Well, that was a waste of a million bucks.

Those Internet millionaires. They sure know how to piss away their unearned money. Garrett Gruener, recall candidate and co-founder of Emeryville-based Ask Jeeves, wound up spending an astounding $460 per vote in his experimental Web-centric campaign. By contrast, Gary Coleman ran perhaps the leanest, meanest campaign ever, dropping about 35 cents a vote (just enough to cover the filing fee and a few incidental expenses). In fairness, Gruener dropped out of the race one week before the election and threw his weightlessness behind Bustamante, though it's hard to say how many voters actually heard about this pivotal campaign moment. One person who did posted this message to Gruener's Web site: "So, I saw that you didn't win, Gruenie! How did you spend last night? Did you have a rally with both of your supporters at the Motel 6 in Oxnard? ... I'm sure that Davis and Bustamante were glad to see you throw your considerable support behind them. Why, if only 137,000 more candidates like you had supported them, Davis might still be in office or Cruz would be taking his place."

Friends of Pete Wilson

Finding a Republican in the East Bay is harder than finding an Audie Bock campaign donor. The liberal capital of the Left Coast, of course, voted overwhelmingly against the recall and for Snooze Bustamante. But two names from Contra Costa County have surfaced as likely prospects for a role in the new action-adventure administration -- both of them old appointees of former Governor Pete Wilson, the Terminator-elect's campaign manager.

The first is EBMUD director John Coleman, Ahnuld-backer and former deputy director of external affairs for the California Conservation Corps -- and no relation to Gary Coleman, by the way. John C. acknowledges he's keen on the idea of returning to state government, perhaps a nice appointment to the state resources agency. "I'd be interested, depending on what the position might be," he says.

The other possibility is Orinda's Jim Conran, Wilson's director of consumer affairs and current head of Consumers First, which calls itself a consumer advocacy organization, but has been assailed by other consumer watchdogs as a front for insurance interests. His group took $37,500 from the industry to fight state insurance-reform Propositions 30 and 31, according to a March 2000 press release from national nonprofit Foundation for Taxpayer and Consumer Rights.

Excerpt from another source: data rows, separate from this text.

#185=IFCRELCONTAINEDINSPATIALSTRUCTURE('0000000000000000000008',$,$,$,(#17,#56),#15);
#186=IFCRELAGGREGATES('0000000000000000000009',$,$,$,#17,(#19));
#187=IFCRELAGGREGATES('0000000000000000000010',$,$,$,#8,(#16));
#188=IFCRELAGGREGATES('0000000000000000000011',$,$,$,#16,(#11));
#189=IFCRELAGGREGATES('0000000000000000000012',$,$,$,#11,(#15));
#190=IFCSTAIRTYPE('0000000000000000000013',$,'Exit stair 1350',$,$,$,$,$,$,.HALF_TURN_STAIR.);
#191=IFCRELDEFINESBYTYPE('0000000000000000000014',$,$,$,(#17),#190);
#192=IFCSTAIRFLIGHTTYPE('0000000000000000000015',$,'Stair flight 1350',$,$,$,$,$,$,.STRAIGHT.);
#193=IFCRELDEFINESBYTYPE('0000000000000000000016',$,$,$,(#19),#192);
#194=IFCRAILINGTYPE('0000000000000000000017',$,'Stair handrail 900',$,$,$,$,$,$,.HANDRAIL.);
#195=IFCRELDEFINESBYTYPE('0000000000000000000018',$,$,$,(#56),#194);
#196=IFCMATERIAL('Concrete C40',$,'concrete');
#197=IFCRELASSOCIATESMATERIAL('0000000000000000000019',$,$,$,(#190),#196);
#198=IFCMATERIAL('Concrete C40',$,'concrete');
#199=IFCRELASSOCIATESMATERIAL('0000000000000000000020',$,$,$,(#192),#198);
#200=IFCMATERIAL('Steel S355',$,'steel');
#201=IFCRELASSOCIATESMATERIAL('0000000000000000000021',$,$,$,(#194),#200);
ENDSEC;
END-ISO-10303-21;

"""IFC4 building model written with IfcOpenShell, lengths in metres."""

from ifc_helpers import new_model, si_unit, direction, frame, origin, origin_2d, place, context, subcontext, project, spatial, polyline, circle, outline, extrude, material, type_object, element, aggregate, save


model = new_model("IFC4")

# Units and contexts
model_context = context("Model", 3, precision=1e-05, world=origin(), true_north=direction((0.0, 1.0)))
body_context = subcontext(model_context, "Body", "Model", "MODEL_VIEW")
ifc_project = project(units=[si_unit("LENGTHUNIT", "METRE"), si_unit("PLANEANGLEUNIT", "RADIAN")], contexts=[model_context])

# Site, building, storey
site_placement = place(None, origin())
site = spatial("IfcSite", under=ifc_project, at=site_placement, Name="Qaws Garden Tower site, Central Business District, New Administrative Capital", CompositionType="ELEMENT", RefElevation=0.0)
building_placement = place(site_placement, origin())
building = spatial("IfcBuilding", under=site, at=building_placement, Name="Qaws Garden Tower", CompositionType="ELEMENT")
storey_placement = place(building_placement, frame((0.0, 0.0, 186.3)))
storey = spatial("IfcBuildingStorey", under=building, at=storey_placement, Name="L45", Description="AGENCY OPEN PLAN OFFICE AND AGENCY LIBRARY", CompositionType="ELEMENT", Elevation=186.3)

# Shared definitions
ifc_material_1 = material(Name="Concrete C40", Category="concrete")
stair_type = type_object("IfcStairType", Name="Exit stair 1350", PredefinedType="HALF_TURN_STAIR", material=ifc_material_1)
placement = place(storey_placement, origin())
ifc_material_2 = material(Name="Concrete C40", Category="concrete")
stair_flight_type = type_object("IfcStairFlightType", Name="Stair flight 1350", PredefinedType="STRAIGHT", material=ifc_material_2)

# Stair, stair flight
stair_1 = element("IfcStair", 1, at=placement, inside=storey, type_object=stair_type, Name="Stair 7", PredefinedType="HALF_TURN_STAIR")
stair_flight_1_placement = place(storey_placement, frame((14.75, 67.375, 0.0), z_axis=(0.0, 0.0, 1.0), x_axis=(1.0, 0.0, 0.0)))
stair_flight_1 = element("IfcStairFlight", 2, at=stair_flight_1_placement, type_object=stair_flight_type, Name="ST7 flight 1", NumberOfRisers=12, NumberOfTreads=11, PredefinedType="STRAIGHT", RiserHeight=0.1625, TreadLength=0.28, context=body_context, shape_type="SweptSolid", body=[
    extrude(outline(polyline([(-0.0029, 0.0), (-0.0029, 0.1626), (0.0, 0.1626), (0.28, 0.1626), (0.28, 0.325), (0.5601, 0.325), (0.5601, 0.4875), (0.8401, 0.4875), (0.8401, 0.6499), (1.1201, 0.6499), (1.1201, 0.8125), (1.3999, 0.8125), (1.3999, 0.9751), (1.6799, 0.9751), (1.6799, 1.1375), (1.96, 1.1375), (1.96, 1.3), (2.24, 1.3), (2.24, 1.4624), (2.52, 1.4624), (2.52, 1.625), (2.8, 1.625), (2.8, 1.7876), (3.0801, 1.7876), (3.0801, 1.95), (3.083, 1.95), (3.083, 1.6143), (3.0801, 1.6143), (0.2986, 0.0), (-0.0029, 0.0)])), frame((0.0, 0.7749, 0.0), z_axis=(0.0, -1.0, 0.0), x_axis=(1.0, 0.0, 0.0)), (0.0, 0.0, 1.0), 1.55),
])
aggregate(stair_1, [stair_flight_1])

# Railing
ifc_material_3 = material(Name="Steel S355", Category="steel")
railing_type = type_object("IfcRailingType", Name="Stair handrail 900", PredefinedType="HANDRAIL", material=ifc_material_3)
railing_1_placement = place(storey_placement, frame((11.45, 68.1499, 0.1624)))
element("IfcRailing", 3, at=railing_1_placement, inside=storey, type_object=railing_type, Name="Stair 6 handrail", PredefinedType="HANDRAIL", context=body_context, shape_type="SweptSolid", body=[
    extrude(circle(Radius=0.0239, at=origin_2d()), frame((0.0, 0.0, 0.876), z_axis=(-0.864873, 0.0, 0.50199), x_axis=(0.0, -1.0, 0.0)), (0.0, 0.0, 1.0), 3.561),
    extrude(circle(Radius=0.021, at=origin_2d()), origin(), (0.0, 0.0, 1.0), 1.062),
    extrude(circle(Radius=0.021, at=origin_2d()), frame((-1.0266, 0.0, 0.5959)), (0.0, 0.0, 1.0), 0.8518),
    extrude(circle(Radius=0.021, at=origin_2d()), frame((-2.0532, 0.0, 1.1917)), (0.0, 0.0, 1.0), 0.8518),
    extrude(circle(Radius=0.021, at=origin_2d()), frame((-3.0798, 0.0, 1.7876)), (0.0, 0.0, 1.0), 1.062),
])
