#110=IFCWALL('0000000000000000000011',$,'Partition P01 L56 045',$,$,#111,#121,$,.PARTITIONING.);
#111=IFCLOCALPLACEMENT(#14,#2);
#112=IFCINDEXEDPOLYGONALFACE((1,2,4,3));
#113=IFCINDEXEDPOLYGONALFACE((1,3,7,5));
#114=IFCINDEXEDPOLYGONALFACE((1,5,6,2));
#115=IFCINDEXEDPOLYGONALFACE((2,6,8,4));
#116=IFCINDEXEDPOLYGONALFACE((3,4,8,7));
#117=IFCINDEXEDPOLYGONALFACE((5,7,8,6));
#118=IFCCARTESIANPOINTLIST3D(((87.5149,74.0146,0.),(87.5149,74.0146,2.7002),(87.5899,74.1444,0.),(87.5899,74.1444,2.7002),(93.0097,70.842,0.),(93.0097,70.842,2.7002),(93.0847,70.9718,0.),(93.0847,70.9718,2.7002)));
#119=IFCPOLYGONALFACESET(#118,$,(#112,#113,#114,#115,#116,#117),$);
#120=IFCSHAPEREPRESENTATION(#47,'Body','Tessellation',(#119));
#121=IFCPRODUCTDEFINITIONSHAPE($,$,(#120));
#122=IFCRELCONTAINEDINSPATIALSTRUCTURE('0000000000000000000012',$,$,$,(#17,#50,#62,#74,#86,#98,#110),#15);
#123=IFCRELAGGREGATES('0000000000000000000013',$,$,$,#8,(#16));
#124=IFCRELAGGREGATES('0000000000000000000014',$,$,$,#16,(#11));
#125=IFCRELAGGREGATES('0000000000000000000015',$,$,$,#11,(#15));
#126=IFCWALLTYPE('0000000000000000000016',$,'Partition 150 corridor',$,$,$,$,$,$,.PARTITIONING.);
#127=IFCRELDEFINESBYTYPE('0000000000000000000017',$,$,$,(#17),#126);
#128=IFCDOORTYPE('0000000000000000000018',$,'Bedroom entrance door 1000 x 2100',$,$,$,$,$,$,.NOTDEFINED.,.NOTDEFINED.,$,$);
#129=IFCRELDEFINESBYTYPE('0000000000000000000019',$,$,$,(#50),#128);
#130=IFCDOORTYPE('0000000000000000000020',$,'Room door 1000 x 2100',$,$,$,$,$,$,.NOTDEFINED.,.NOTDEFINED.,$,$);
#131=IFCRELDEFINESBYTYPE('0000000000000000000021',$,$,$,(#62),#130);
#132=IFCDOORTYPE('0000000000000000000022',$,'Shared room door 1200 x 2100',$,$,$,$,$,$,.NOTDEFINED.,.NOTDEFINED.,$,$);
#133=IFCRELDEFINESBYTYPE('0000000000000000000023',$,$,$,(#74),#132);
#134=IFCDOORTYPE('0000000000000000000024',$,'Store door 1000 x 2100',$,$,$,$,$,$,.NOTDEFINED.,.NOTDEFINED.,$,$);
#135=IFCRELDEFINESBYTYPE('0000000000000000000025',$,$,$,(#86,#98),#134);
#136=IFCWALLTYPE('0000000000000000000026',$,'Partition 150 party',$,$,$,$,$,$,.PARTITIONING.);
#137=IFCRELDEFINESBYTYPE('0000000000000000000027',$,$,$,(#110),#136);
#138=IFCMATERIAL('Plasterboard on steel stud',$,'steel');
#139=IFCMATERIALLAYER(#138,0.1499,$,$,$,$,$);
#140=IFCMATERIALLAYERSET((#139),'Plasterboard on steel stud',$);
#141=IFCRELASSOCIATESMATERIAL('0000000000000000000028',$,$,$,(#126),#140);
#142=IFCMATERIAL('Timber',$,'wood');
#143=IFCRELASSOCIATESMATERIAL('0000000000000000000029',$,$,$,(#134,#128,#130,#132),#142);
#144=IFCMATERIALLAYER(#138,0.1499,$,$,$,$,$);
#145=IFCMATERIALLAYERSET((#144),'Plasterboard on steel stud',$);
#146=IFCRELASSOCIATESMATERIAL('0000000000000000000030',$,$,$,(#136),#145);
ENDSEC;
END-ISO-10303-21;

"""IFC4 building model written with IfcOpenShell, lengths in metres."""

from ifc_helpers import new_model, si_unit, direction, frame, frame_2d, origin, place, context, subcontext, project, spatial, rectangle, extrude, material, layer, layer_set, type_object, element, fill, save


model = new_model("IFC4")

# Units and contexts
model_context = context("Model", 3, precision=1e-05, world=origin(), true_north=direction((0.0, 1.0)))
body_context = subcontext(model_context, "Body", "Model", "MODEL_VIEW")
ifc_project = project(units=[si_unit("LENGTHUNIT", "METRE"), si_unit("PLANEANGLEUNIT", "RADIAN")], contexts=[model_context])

Conran also ran for insurance commissioner in 1994, losing to Chuck Quackenbush in the Republican primary. Quackenbush resigned in disgrace four years later amid civil and criminal allegations involving his cozy ties to the industry he was elected to regulate. We can only hope Conran would do better by the peeps of California than his former GOP rival.

Score One for Castro

Voters are idiots. Take the thousands who cast ballots for George Schwartzman thinking they were voting for the Terminator. Still, at least some of the idiots have a sense of humor. Then again, maybe they're just deranged.

Alameda County Registrar Brad Clark has come across a few examples since Election Day, such as the absentee voter who cast votes for every other person on the 135-candidate ballot.

And while you'd think 135 candidates would be enough, 897 people in Contra Costa County voted for write-ins, which as a collective group were the seventh-highest vote-getters in the county. CoCo County elections chief Steve Weir hasn't had time to scour his write-ins yet, but he confidently predicts someone will have written in Arnold Schwarzenegger's name, quite unaware that he's on the ballot. When the county held its special one-issue election last month for Measure C, there were 114 people who bothered to show up at the polls and sign in, but then never cast a vote, Weir says. On the other hand, he adds, about twenty people voted both Yes and No.

Back in Alameda County, according to Clark, a few people wrote in names such as Dianne Feinstein and Gray Davis. There was also at least one vote for Fidel Castro. Since Castro wasn't a certified write-in candidate, his vote won't be counted. However, for those of you who wrote in "The Wang" or "Wangster," your votes will count for candidate Donald P. Wang of Oakland. No joke. "The most dangerous thing in the world to do," Clark says, "is give a voter a pencil, because they'll do the strangest things you could ever imagine."